THE MOVE TO HFR (HIGH FRAME RATE)
This December, an attempt to revolutionize film exhibition will be made by Peter Jackson and co. with their film “The Hobbit: An Unexpected Journey”. The film will be the first of it’s kind, available in a format called HFR 3D.
But what is HFR, and why make the move to this format? What is the effect on the film budget by utilizing this method?
HFR stands for High Frame Rate, a somewhat arbitrary name that refers to any frame rate higher than 24 frames per second, which has long been the industry standard for film capture and exhibition. In this case, The Hobbit was captured in 48 frames per second, and the HFR 3D version of the film will allow you to see those extra frames in action.
Shooting at higher frame rates is nothing new. Even most prosumer and many consumer grade cameras can shoot at speeds of 24, 30, or 60fps (if not more), but higher frame rates have never been utilized as an exhibition standard for a major motion picture. The purpose of a higher frame rate is to help reduce the “judder” or “strobing” effect. At 24 fps on a large screen, an object moving quickly across the screen, or a whip pan by the camera can be jarring, because the objects move large distances between each frame. HFR aims to fix this problem by doubling the number of times you see that object in one second, thereby filling in some of the gaps of motion between frames. Is also reduces motion blur, because each image has a shorter exposure time.
This idea has been utilized for some time now for sports videos, which often shoot at 60 frames per second because of the fast-paced nature of sports. In 3D cinema, this should help with the strain some viewers experience during high action scenes with lots of movement.
But why 48? Why not use even more frames? While shooting at even higher frame rates is possible, and probable for exhibition someday in the future (assuming HFR is received well), 48 seems to be an good transition for now. By shooting at 48fps, a film can easily be converted to the old standard of 24fps by skipping every other frame. This allows studios to release their movies in both formats, appeasing those who oppose the HFR look (some say it looks “too real”, or has a soap opera look to it).

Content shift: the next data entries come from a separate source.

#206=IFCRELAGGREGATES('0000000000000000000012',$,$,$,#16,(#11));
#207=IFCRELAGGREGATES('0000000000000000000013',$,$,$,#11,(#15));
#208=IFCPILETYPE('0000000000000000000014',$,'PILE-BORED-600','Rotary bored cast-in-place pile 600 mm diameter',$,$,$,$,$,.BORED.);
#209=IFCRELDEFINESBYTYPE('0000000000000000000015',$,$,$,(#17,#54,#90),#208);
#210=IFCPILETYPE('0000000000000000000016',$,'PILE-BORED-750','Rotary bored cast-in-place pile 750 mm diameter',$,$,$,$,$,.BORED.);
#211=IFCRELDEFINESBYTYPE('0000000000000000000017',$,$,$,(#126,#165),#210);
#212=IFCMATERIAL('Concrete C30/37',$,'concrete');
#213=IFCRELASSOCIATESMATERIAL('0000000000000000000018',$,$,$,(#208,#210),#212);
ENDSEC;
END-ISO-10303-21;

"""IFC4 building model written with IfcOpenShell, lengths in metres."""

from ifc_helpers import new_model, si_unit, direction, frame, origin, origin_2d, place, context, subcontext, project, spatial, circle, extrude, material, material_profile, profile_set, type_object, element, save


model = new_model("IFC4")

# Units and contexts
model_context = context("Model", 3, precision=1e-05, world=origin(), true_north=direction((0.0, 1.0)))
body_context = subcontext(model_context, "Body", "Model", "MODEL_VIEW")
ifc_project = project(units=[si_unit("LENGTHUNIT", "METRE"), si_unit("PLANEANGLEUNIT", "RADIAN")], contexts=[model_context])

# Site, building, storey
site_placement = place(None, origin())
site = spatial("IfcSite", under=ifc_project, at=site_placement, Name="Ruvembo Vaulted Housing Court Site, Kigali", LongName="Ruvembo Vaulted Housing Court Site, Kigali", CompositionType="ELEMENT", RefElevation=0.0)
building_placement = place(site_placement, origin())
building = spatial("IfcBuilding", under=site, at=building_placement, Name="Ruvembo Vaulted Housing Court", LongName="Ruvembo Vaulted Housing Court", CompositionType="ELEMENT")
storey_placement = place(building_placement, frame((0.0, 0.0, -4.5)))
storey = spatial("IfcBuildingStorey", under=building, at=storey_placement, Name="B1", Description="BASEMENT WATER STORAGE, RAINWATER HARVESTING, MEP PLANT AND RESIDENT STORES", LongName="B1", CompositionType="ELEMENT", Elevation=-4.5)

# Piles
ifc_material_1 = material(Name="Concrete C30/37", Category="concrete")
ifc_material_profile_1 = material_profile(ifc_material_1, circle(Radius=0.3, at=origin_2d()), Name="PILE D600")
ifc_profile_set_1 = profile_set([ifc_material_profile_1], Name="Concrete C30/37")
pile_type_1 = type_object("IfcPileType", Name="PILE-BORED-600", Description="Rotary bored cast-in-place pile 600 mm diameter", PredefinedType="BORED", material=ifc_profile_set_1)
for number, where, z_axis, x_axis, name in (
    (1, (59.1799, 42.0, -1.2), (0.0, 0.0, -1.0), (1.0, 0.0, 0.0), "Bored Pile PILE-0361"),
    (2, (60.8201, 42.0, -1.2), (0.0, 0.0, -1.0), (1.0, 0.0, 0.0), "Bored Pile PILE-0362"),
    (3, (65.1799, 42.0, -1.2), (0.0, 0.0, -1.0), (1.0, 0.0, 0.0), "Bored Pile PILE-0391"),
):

Higher frame rates also yield bigger file sizes and can require different technologies for acquisition and projection, meaning greater budget expense. In visual effects, doubling the number of frames can double the amount of work: A shot of Gollum talking to Bilbo now requires camera tracking, rotoscoping, etc. for twice as many frames! The impact on a film budget can be significant. Large movie files take more time across the workflow to handle with more man hours to execute the same scene work. VFX expense for double the amount frames can essentially multiply the costs upward driving up the movie budget and requirement for production film finance.
In addition to “An Unexpected Journey”, HFR 3D will be used for the next two Hobbit films, and James Cameron also plans to use the new format for his upcoming Avatar sequels. “The Hobbit” will be released in 2D, 3D, IMAX, and IMAX 3D at 24fps, and HFR 3D at select theaters December 14th.